Quizzing

The FWSE Round answered

It started with just one of those cool things you hear when on the Internet. The Vijay Iyer Trio’s cover version of M.I.A’s ‘Galang’. I hadn’t heard of the band before, and was impressed by Iyer’s piano-playing on the song, great their interpretation of the song. Obviously, this is not a question you can ask in a standard quiz – not many people would have heard ‘Galang’. One should not really ask which song is being covered when the cover is so radically different and the original is hardly that famous.
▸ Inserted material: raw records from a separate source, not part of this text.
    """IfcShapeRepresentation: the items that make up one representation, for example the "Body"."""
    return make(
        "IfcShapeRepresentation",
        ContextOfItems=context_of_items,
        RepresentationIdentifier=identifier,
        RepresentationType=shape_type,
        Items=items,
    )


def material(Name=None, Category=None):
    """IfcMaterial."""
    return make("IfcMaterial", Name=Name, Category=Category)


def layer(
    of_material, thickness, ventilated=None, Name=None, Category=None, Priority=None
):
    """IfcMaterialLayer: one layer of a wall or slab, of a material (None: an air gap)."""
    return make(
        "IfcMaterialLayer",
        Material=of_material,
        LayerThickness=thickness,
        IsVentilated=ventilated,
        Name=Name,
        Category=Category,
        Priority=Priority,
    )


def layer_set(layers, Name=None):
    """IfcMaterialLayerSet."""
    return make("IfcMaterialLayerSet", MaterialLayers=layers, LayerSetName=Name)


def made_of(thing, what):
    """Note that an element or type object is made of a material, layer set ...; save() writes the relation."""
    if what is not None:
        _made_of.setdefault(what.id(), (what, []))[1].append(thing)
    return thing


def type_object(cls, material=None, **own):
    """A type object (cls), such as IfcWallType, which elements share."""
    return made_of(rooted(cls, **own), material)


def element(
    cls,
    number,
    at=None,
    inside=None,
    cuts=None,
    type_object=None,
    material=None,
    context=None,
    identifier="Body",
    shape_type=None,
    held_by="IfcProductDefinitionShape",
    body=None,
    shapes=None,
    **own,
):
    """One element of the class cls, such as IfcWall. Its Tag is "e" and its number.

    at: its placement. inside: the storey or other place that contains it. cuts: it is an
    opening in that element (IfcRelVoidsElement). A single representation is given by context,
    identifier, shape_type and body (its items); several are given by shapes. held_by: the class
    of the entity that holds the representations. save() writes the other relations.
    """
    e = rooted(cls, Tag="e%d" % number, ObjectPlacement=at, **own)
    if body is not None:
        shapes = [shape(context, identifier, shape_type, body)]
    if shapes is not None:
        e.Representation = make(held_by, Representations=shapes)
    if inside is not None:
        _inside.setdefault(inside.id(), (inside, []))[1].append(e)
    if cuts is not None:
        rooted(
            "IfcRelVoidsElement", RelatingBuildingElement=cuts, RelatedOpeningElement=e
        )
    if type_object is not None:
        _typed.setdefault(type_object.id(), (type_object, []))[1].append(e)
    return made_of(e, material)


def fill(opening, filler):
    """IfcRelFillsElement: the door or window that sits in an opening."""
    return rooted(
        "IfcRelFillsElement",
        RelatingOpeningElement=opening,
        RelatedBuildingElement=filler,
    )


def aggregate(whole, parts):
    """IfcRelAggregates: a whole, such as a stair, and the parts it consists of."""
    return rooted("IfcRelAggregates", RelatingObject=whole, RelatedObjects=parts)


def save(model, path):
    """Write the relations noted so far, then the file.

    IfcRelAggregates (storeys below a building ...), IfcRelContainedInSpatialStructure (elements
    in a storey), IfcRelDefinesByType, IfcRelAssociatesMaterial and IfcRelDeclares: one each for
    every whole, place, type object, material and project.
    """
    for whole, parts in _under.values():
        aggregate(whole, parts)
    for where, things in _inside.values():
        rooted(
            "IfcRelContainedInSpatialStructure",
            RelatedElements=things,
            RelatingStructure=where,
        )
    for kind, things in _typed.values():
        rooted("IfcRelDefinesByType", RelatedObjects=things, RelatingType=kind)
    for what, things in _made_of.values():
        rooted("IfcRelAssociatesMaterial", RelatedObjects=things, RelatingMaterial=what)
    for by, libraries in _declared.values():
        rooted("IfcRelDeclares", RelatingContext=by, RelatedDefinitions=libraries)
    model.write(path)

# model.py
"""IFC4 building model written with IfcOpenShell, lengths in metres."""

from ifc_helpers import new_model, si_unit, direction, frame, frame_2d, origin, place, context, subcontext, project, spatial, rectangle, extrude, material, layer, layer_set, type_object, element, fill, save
So I came up with the question ‘The song is a cover from the X’s first album, which is named after X’s father. X’s second album is named after X’s mother, and the third album is named after X. ID X and all three albums.” A nice way to play a song that I like and make a question out of the fact that M.I.A’s albums have this naming convention. And if I guess right, her next album will be named after her baby. To be very honest, I was not too happy about the question because it seemed too self-indulgent, in addition to being badly phrased. When I started thinking of the round where I could ask people to search, I was searching around for a ‘hook’ – some topic that could jump out into multiple strands of trivia. M.I.A seemed a nice way to start this off. And definitely not because I thought Maya was among the awesomest albums of 2010.
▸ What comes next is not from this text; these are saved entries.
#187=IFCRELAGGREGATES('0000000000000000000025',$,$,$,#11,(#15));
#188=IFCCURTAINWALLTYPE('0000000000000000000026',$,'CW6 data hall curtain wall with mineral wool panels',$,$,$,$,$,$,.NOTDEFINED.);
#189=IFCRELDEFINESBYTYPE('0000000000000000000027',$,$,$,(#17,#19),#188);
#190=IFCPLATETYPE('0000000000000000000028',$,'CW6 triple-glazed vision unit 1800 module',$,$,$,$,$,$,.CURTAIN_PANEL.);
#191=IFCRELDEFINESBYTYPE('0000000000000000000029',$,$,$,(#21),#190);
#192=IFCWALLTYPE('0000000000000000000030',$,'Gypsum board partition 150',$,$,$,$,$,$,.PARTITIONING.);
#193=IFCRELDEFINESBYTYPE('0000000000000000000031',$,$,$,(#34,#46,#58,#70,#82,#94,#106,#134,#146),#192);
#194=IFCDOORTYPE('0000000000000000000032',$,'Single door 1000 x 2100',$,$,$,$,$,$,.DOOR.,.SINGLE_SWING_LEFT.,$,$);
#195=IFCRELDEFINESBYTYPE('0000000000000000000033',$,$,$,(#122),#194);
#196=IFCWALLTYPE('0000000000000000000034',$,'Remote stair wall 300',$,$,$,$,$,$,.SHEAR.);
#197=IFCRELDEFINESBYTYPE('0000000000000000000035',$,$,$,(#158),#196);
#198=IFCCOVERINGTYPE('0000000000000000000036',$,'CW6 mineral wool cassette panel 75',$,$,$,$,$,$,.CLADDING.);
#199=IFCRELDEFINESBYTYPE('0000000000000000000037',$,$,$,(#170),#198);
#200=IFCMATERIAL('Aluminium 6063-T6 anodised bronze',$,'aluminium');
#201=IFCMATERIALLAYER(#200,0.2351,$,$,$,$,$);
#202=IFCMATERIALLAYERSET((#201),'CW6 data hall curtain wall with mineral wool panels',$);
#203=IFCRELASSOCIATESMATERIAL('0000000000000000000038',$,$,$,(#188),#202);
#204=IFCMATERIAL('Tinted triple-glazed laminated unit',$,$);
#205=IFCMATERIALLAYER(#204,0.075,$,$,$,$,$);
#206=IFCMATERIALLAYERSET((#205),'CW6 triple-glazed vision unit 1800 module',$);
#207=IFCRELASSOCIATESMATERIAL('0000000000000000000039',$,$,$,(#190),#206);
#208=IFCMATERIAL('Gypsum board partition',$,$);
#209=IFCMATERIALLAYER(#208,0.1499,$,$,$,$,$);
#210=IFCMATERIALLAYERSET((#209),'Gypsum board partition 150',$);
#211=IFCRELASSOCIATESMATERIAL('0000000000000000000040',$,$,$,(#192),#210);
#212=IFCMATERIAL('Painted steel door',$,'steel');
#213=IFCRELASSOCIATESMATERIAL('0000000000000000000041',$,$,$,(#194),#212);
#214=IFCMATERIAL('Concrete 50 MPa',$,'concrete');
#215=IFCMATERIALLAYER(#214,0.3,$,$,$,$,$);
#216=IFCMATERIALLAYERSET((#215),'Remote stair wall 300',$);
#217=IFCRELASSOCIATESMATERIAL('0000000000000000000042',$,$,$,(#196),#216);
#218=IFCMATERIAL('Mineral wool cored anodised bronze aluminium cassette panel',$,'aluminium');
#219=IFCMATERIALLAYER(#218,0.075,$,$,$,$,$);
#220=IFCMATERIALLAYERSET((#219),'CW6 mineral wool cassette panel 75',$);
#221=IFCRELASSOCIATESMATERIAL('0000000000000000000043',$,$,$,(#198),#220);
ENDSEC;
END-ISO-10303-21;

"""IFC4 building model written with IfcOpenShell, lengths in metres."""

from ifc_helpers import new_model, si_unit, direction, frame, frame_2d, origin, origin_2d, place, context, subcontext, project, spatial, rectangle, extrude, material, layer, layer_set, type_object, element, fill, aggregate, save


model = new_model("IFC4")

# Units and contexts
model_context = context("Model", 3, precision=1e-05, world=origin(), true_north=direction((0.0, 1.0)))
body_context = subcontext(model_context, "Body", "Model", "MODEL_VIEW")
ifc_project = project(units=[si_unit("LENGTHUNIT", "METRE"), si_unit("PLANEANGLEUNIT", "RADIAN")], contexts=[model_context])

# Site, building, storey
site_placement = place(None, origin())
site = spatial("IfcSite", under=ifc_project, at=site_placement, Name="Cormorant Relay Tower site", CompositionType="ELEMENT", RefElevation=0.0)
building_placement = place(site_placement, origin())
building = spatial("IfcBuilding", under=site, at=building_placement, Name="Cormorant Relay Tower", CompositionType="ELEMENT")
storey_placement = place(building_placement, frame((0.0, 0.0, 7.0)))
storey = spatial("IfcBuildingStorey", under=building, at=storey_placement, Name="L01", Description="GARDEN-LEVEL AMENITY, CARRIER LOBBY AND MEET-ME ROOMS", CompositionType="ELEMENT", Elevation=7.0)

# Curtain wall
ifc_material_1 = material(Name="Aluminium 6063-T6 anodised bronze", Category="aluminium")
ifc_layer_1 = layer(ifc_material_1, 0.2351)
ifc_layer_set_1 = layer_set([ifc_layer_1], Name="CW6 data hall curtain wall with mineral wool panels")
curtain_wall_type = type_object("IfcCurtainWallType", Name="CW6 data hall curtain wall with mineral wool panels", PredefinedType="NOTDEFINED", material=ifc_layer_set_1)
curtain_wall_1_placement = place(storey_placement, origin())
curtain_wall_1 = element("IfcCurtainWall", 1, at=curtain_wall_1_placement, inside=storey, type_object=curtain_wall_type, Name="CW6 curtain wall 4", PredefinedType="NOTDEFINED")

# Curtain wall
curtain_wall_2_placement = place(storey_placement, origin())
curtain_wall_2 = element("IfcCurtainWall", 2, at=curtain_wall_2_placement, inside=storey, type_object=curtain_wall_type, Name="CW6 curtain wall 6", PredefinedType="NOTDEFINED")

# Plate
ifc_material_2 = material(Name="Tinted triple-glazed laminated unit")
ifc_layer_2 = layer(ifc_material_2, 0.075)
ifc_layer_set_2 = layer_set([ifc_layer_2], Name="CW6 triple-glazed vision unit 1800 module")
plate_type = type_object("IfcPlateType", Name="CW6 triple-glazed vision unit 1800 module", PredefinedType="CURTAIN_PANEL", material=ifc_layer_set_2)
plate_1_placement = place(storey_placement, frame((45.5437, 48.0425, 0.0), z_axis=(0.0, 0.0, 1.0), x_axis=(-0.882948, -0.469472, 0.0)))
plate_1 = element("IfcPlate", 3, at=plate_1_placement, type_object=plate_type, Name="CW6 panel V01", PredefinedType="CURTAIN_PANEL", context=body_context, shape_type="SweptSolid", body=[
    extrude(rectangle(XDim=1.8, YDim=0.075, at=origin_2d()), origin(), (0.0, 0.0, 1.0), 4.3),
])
So, what did we know about M.I.A? The breakout track for her was ‘Paper Planes’, which featured in the trailer to Pineapple Express before it went stratospheric in Slumdog Millionaire. Not many people know that the backing guitar riff to ‘Paper Planes’ was a sample of The Clash’s ‘Straight To Hell’. (Yeah, even I didn’t, until I checked out the Wikipedia entry sometime early last year.) In quizzing circles, well, at least in those cycles where people occasionally name-drop Hipgnosis as answers to any question involving multiple album covers, the Clash’s London Calling is well-known for the way it copied the fonts of Elvis Presley’s first studio album.

Pineapple Express refers to a weather phenomenon, and the whole Judd Apatow/Seth Rogen/James Franco cartel connection was ripe for the picking for a convoluted connect. Franco obviously tied into Danny Boyle and Slumdog Millionaire, the other M.I.A tangent, because he stars in Boyle’s latest 127 Hours. Rogen and Green Hornet get a nod, as do Franco and Spiderman. And Freaks and Geeks, hell yeah.

Slumdog Millionaire leads us to Vikas Swarup and QnA, and the South African Boeke Prize (the list of awardees makes it clear that there is some kind of Indian bestseller list tie-up with the way the Boeke jury thinks). There was also the case of Danny Boyle thanking Anurag Kashyap in his movie, and Kashyap returning the favor in Dev D because Boyle suggested the use of a still camera for Dev’s drug-trip scenes. Dev D led to Sarat Chandra and Devdas and its multiple adaptations, and Sarat Chandra to Parineeta and its multiple adaptations as well, which also covered the obligatory Lit part of the MELA.

Hmm, yeah, ‘face to face with’ is ‘Roobaroo’, in Urdu. Naresh Iyer and Vijay Iyer have nothing in common except for their family name, but who am I to avoid a gratuitous Rahman reference if I can help it?